Toutefois, ces initiatives ne sont qu’amorcées et se heurtent encore aux résistances de certains représentants de l’État. La grande majorité des victimes de viol en Afrique du Sud et dans la région n’ont toujours pas accès aux traitements qui pourraient leur sauver la vie.

Contrastant avec ces évolutions positives, la situation des droits humains pour les femmes au Zimbabwe et au Swaziland s’est détérioré. Au Swaziland, la discrimination judiciaire permanente et le déni des droits sociaux et économiques exacerbent la vulnérabilité des femmes et des jeunes filles face aux violences sexuelles et domestiques et à l’épidémie du sida. La crise constitutionnelle que traverse actuellement ce pays pourrait nuire davantage encore au droit des femmes à la justice et à des recours effectifs.

Quant au Zimbabwe, la crise profonde de légitimité politique et les violations systématiques des droits humains - notamment les sévices sexuels à motivation politique envers les opposants présumés du gouvernement - ont compromis les réformes en matière de législation, de police et de santé, qui auraient facilité l’accès des femmes à la justice et aux services médicaux. Les femmes et les jeunes filles, particulièrement celles qui vivent dans les zones rurales, comptent parmi les plus vulnérables face à l’épidémie du VIH et sont menacées par la pénurie alimentaire de grande ampleur qui sévit au Zimbabwe comme au Swaziland.

Dans le cadre de la campagne internationalement reconnue des 16 jours d’activisme contre la violence faite aux femmes (du 25 novembre au 10 décembre), Amnesty International demande aux gouvernements d’Afrique australe, avec le soutien de la communauté internationale, d’afficher leur volonté politique en traitant les causes multiples de la violence dont sont victimes les femmes et les jeunes filles.

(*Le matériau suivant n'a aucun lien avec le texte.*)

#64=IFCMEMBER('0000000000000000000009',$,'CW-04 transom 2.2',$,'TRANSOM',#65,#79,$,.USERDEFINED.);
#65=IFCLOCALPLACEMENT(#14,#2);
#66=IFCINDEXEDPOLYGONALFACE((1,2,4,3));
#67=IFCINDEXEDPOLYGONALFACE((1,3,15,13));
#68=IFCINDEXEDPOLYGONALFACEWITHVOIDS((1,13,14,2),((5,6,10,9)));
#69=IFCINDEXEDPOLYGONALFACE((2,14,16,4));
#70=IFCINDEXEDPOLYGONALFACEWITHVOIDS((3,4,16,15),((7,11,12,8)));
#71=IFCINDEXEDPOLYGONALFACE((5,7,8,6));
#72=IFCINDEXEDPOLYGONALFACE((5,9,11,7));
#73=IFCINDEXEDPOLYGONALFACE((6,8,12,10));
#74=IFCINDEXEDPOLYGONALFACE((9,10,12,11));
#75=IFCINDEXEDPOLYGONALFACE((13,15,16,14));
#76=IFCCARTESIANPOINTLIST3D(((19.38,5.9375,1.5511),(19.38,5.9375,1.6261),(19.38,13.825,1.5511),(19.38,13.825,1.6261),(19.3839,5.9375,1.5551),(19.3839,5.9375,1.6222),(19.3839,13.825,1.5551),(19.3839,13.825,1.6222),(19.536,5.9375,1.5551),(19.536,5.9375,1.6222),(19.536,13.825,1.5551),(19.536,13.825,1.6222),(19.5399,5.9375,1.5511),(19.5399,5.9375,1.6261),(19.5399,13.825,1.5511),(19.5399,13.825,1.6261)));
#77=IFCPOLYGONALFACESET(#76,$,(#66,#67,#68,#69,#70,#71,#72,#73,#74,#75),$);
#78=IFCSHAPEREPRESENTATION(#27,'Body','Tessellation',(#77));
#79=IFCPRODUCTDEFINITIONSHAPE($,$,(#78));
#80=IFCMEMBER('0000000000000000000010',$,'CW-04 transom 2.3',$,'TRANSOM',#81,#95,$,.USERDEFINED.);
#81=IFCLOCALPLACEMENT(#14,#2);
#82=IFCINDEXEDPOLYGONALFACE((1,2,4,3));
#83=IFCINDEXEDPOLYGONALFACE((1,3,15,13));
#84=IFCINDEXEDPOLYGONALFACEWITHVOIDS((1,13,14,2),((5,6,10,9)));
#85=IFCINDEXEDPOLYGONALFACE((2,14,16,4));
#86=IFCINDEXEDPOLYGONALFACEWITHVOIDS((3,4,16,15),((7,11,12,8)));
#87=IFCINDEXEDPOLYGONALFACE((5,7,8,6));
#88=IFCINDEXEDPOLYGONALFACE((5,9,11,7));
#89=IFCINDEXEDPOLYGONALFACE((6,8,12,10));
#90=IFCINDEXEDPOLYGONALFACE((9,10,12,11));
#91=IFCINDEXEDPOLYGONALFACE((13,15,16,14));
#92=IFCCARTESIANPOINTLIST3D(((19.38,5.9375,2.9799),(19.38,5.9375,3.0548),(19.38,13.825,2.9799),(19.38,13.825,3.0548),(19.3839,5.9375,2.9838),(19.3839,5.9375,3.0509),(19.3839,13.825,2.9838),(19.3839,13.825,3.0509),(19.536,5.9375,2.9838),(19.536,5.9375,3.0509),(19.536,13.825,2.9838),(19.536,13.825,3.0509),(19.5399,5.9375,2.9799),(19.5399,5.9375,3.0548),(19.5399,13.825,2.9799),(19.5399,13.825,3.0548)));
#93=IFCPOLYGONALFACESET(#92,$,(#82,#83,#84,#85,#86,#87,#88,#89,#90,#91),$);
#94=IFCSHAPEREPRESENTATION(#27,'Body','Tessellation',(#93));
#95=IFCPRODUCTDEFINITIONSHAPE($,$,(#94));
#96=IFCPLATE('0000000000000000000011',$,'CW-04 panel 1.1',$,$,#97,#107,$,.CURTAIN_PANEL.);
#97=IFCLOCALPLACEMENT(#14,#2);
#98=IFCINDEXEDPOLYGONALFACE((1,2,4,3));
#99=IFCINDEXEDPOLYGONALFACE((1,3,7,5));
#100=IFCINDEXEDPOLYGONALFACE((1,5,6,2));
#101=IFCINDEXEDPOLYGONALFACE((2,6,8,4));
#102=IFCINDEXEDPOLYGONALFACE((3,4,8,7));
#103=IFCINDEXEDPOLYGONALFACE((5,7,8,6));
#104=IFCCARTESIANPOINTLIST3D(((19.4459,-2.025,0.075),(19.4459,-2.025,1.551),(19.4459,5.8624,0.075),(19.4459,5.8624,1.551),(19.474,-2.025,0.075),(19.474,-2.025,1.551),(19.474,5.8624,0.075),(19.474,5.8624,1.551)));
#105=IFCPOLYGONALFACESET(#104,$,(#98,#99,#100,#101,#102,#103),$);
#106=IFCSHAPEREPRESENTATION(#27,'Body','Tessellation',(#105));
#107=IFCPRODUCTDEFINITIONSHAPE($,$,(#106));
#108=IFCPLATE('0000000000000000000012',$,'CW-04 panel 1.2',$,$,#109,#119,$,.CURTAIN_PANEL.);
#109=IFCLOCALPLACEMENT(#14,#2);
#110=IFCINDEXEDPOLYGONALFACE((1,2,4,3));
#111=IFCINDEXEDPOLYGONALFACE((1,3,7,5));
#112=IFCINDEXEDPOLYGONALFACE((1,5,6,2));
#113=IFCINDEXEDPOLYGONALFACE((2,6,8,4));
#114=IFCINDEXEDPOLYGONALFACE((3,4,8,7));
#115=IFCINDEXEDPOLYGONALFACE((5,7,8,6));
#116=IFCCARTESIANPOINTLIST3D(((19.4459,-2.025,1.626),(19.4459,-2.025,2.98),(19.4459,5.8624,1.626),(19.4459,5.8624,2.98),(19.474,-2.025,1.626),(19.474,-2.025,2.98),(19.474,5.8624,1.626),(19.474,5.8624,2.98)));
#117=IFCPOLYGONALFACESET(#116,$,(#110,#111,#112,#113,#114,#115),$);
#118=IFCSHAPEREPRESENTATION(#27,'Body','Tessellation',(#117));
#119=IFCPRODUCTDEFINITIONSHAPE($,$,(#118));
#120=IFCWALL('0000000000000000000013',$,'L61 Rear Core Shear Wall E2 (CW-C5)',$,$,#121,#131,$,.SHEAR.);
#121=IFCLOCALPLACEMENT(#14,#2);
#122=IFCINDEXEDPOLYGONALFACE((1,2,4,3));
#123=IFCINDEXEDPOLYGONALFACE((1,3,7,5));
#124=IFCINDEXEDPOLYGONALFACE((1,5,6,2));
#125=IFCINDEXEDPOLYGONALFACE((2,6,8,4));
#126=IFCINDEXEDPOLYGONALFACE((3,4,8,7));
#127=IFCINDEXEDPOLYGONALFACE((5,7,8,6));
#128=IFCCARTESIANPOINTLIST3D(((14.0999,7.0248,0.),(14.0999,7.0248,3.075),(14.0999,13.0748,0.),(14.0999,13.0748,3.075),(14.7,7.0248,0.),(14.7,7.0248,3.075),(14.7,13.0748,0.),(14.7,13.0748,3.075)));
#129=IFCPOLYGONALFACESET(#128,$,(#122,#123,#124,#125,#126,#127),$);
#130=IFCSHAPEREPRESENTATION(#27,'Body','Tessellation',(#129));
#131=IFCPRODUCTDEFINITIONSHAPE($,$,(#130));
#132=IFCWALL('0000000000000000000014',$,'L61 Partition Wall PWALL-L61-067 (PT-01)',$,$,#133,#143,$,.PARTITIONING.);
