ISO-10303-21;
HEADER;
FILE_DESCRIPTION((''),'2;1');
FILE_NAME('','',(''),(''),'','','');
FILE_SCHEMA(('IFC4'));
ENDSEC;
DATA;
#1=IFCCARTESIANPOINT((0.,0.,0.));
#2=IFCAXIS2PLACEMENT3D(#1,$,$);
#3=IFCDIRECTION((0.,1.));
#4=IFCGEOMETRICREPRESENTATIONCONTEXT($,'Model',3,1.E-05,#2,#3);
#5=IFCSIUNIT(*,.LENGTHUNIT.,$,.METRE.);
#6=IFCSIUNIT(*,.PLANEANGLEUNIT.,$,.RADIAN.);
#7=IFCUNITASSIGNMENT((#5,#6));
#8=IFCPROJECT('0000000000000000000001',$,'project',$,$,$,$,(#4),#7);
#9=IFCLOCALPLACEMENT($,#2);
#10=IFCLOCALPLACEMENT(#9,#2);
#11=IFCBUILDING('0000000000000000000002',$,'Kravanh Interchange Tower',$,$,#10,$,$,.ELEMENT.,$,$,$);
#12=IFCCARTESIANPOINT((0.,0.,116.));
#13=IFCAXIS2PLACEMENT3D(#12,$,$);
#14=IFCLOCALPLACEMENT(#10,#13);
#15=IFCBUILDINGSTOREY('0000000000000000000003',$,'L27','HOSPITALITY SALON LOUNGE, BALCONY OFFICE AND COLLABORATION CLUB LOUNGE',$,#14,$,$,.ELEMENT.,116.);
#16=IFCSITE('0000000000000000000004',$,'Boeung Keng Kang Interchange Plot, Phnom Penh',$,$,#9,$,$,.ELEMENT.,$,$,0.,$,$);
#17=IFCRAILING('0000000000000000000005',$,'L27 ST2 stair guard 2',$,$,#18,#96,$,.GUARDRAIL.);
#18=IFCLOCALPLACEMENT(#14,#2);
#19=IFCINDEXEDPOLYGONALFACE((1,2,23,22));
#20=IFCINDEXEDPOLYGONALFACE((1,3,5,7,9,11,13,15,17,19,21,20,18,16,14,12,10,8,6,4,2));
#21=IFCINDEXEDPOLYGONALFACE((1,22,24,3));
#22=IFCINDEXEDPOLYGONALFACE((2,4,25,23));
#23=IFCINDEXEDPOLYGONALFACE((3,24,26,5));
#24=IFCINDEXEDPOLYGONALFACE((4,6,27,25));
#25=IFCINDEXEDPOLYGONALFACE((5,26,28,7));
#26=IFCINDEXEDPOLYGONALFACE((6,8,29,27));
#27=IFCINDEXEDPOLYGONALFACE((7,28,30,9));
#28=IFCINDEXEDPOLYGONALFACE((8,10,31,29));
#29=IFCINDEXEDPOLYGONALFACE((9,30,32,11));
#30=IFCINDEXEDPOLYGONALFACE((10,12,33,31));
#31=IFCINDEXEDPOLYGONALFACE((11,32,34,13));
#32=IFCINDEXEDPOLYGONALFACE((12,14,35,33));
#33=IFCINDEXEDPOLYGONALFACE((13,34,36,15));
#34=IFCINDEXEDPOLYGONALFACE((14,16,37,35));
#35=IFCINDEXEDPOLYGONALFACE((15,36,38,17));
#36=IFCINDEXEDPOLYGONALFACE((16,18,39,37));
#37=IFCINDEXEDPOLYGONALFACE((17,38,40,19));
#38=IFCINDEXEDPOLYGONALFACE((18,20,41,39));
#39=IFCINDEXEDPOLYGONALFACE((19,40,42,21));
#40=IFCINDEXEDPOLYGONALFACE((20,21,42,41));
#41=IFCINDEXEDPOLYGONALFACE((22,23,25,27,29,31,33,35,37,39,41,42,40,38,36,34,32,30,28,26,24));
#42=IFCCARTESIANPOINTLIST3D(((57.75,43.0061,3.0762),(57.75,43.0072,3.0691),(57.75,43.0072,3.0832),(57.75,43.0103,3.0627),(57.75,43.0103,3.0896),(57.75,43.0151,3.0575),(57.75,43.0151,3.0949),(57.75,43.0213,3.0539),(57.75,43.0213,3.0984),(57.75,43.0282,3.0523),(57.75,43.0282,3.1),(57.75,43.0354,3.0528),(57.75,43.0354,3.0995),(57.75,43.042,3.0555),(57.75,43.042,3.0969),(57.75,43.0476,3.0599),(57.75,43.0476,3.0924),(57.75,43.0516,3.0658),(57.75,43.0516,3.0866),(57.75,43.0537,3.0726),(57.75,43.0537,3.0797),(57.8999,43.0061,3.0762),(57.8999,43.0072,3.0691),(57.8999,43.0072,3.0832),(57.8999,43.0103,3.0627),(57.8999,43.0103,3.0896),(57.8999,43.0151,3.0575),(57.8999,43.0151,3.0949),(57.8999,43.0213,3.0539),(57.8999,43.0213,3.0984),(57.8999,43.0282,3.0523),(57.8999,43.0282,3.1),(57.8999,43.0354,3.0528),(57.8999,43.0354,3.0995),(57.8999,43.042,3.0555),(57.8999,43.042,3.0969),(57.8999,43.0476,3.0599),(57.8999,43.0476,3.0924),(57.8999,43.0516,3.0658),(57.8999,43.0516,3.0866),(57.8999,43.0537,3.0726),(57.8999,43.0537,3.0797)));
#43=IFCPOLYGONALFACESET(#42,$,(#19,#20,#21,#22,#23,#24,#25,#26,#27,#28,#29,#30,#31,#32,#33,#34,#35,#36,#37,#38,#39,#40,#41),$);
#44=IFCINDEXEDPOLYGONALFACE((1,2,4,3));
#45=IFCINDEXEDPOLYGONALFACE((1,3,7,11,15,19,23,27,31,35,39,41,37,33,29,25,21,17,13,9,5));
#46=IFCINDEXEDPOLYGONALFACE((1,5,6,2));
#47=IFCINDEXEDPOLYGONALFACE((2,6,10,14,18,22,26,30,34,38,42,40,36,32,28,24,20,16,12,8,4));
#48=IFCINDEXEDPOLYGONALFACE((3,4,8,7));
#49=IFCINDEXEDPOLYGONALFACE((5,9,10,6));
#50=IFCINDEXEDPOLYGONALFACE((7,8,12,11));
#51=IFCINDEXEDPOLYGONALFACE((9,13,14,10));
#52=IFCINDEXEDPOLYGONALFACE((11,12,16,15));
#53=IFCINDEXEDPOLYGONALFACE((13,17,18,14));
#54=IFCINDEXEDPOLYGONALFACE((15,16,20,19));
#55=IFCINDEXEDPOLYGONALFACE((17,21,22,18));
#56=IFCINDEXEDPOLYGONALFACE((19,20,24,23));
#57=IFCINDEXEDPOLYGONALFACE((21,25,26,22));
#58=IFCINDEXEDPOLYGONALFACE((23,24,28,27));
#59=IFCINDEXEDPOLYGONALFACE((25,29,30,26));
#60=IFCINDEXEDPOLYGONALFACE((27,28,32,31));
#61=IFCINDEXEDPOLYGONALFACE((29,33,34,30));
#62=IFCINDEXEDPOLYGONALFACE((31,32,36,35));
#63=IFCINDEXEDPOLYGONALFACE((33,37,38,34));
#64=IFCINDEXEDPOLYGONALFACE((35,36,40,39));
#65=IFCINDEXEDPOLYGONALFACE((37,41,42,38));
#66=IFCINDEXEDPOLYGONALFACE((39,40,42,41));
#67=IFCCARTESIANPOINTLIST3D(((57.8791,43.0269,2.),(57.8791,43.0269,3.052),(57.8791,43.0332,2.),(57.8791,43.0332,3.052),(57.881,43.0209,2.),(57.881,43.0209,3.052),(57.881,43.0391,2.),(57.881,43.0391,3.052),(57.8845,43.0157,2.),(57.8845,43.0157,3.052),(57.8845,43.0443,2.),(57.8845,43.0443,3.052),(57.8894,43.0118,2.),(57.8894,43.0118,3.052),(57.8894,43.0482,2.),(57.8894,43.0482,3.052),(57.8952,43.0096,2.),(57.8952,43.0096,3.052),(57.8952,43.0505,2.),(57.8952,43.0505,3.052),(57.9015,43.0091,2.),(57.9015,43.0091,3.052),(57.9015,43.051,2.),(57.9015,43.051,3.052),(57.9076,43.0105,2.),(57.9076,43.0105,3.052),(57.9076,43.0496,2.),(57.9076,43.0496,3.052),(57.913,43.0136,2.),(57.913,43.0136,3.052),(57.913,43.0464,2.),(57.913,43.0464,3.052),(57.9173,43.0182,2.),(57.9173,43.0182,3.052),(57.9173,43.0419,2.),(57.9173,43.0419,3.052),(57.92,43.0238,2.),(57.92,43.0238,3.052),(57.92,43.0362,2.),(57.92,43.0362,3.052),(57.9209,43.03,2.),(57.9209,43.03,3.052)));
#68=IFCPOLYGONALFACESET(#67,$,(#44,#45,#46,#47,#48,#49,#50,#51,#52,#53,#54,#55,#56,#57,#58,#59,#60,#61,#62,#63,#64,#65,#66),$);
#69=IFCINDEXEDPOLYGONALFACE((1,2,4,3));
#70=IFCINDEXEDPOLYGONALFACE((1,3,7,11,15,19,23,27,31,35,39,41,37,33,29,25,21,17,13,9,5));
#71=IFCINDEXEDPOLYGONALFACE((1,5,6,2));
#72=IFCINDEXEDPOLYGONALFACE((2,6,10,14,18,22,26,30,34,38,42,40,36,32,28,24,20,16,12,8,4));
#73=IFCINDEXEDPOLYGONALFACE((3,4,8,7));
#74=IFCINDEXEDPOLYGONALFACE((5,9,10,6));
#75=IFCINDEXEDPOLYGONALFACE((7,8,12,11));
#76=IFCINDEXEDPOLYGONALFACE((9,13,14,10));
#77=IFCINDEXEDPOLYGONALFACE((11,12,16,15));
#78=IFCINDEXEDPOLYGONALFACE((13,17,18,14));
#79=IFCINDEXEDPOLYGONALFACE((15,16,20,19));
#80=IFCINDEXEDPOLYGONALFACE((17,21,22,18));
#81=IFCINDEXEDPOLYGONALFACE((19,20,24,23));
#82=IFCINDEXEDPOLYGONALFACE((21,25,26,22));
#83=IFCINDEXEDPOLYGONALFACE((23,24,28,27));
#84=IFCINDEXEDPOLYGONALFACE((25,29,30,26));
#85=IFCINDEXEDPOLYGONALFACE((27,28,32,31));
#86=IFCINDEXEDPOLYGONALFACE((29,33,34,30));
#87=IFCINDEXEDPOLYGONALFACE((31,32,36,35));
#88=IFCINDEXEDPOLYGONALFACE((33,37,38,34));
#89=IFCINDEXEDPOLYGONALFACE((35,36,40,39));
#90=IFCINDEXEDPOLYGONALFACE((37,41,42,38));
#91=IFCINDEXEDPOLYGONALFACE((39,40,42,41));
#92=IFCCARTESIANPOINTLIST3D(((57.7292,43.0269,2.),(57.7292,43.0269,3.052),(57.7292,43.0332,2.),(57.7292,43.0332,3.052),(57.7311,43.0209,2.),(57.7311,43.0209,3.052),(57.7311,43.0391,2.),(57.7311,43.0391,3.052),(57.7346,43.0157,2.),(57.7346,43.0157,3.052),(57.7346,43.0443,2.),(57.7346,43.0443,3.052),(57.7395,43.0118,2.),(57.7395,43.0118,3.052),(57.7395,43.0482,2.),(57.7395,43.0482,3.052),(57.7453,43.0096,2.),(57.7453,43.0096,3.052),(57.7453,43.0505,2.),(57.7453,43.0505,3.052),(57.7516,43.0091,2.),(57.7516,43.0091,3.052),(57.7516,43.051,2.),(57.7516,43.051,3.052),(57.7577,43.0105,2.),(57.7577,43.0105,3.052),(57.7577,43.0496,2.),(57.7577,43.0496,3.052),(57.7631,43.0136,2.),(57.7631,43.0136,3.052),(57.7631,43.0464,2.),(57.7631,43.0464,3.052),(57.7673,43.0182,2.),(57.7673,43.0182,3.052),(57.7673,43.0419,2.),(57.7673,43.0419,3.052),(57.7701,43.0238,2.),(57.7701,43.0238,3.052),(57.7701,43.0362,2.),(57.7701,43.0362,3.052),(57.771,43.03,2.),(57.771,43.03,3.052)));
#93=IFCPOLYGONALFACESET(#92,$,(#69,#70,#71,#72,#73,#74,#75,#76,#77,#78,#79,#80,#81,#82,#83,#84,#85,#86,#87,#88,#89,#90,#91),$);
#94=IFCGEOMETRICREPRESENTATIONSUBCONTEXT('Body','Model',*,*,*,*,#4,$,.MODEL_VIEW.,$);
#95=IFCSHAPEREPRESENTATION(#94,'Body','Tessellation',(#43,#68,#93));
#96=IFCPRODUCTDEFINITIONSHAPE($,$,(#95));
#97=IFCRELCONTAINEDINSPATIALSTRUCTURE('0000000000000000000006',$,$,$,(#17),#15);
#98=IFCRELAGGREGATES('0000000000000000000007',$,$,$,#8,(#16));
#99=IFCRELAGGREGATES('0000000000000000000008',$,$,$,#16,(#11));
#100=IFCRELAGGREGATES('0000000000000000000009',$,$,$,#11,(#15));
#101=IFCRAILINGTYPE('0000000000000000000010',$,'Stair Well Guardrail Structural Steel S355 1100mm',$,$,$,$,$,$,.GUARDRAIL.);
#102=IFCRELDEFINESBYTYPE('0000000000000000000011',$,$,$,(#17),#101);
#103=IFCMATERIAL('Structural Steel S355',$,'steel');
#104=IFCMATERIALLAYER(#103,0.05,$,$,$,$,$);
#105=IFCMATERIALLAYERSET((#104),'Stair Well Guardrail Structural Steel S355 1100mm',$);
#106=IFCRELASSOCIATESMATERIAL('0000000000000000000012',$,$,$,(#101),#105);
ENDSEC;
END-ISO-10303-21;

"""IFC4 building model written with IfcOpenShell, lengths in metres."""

from ifc_helpers import new_model, si_unit, direction, frame, origin, origin_2d, place, context, subcontext, project, spatial, circle, extrude, material, layer, layer_set, type_object, element, save


model = new_model("IFC4")

# Units and contexts
model_context = context("Model", 3, precision=1e-05, world=origin(), true_north=direction((0.0, 1.0)))
body_context = subcontext(model_context, "Body", "Model", "MODEL_VIEW")
ifc_project = project(units=[si_unit("LENGTHUNIT", "METRE"), si_unit("PLANEANGLEUNIT", "RADIAN")], contexts=[model_context])

# Site, building, storey
site_placement = place(None, origin())
site = spatial("IfcSite", under=ifc_project, at=site_placement, Name="Boeung Keng Kang Interchange Plot, Phnom Penh", CompositionType="ELEMENT", RefElevation=0.0)
building_placement = place(site_placement, origin())
building = spatial("IfcBuilding", under=site, at=building_placement, Name="Kravanh Interchange Tower", CompositionType="ELEMENT")
storey_placement = place(building_placement, frame((0.0, 0.0, 116.0)))
storey = spatial("IfcBuildingStorey", under=building, at=storey_placement, Name="L27", Description="HOSPITALITY SALON LOUNGE, BALCONY OFFICE AND COLLABORATION CLUB LOUNGE", CompositionType="ELEMENT", Elevation=116.0)

# Railing
ifc_material_1 = material(Name="Structural Steel S355", Category="steel")
ifc_layer_1 = layer(ifc_material_1, 0.05)
ifc_layer_set_1 = layer_set([ifc_layer_1], Name="Stair Well Guardrail Structural Steel S355 1100mm")
railing_type_1 = type_object("IfcRailingType", Name="Stair Well Guardrail Structural Steel S355 1100mm", PredefinedType="GUARDRAIL", material=ifc_layer_set_1)
railing_1_placement = place(storey_placement, frame((57.8999, 43.03, 2.0)))
element("IfcRailing", 1, at=railing_1_placement, inside=storey, type_object=railing_type_1, Name="L27 ST2 stair guard 2", PredefinedType="GUARDRAIL", context=body_context, shape_type="SweptSolid", body=[
    extrude(circle(Radius=0.0239, at=origin_2d()), frame((0.0, 0.0, 1.0762), z_axis=(-1.0, 0.0, 0.0), x_axis=(0.0, -1.0, 0.0)), (0.0, 0.0, 1.0), 0.1499),
    extrude(circle(Radius=0.021, at=origin_2d()), origin(), (0.0, 0.0, 1.0), 1.052),
    extrude(circle(Radius=0.021, at=origin_2d()), frame((-0.1499, 0.0, 0.0)), (0.0, 0.0, 1.0), 1.052),
])

save(model, "model.ifc")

Ces gouvernements doivent promouvoir et protéger avec détermination les droits énoncés dans la Convention internationale sur l’élimination de toutes les formes de discrimination à l’égard des femmes et son Protocole facultatif, dans la Déclaration sur l’élimination de la violence contre les femmes (ONU), dans la Charte africaine des droits de l’homme et des peuples et dans la Déclaration sur le genre et le développement, signée par les chefs d’État membres de la Communauté de développement de l’Afrique australe (SADC), ainsi que dans son addendum sur la Prévention et l’éradication de la violence contre les femmes et les enfants. Amnesty International exhorte les gouvernements de cette région du monde à promouvoir l’adoption et l’entrée en vigueur rapide du projet de protocole à la Charte africaine des droits des femmes en Afrique.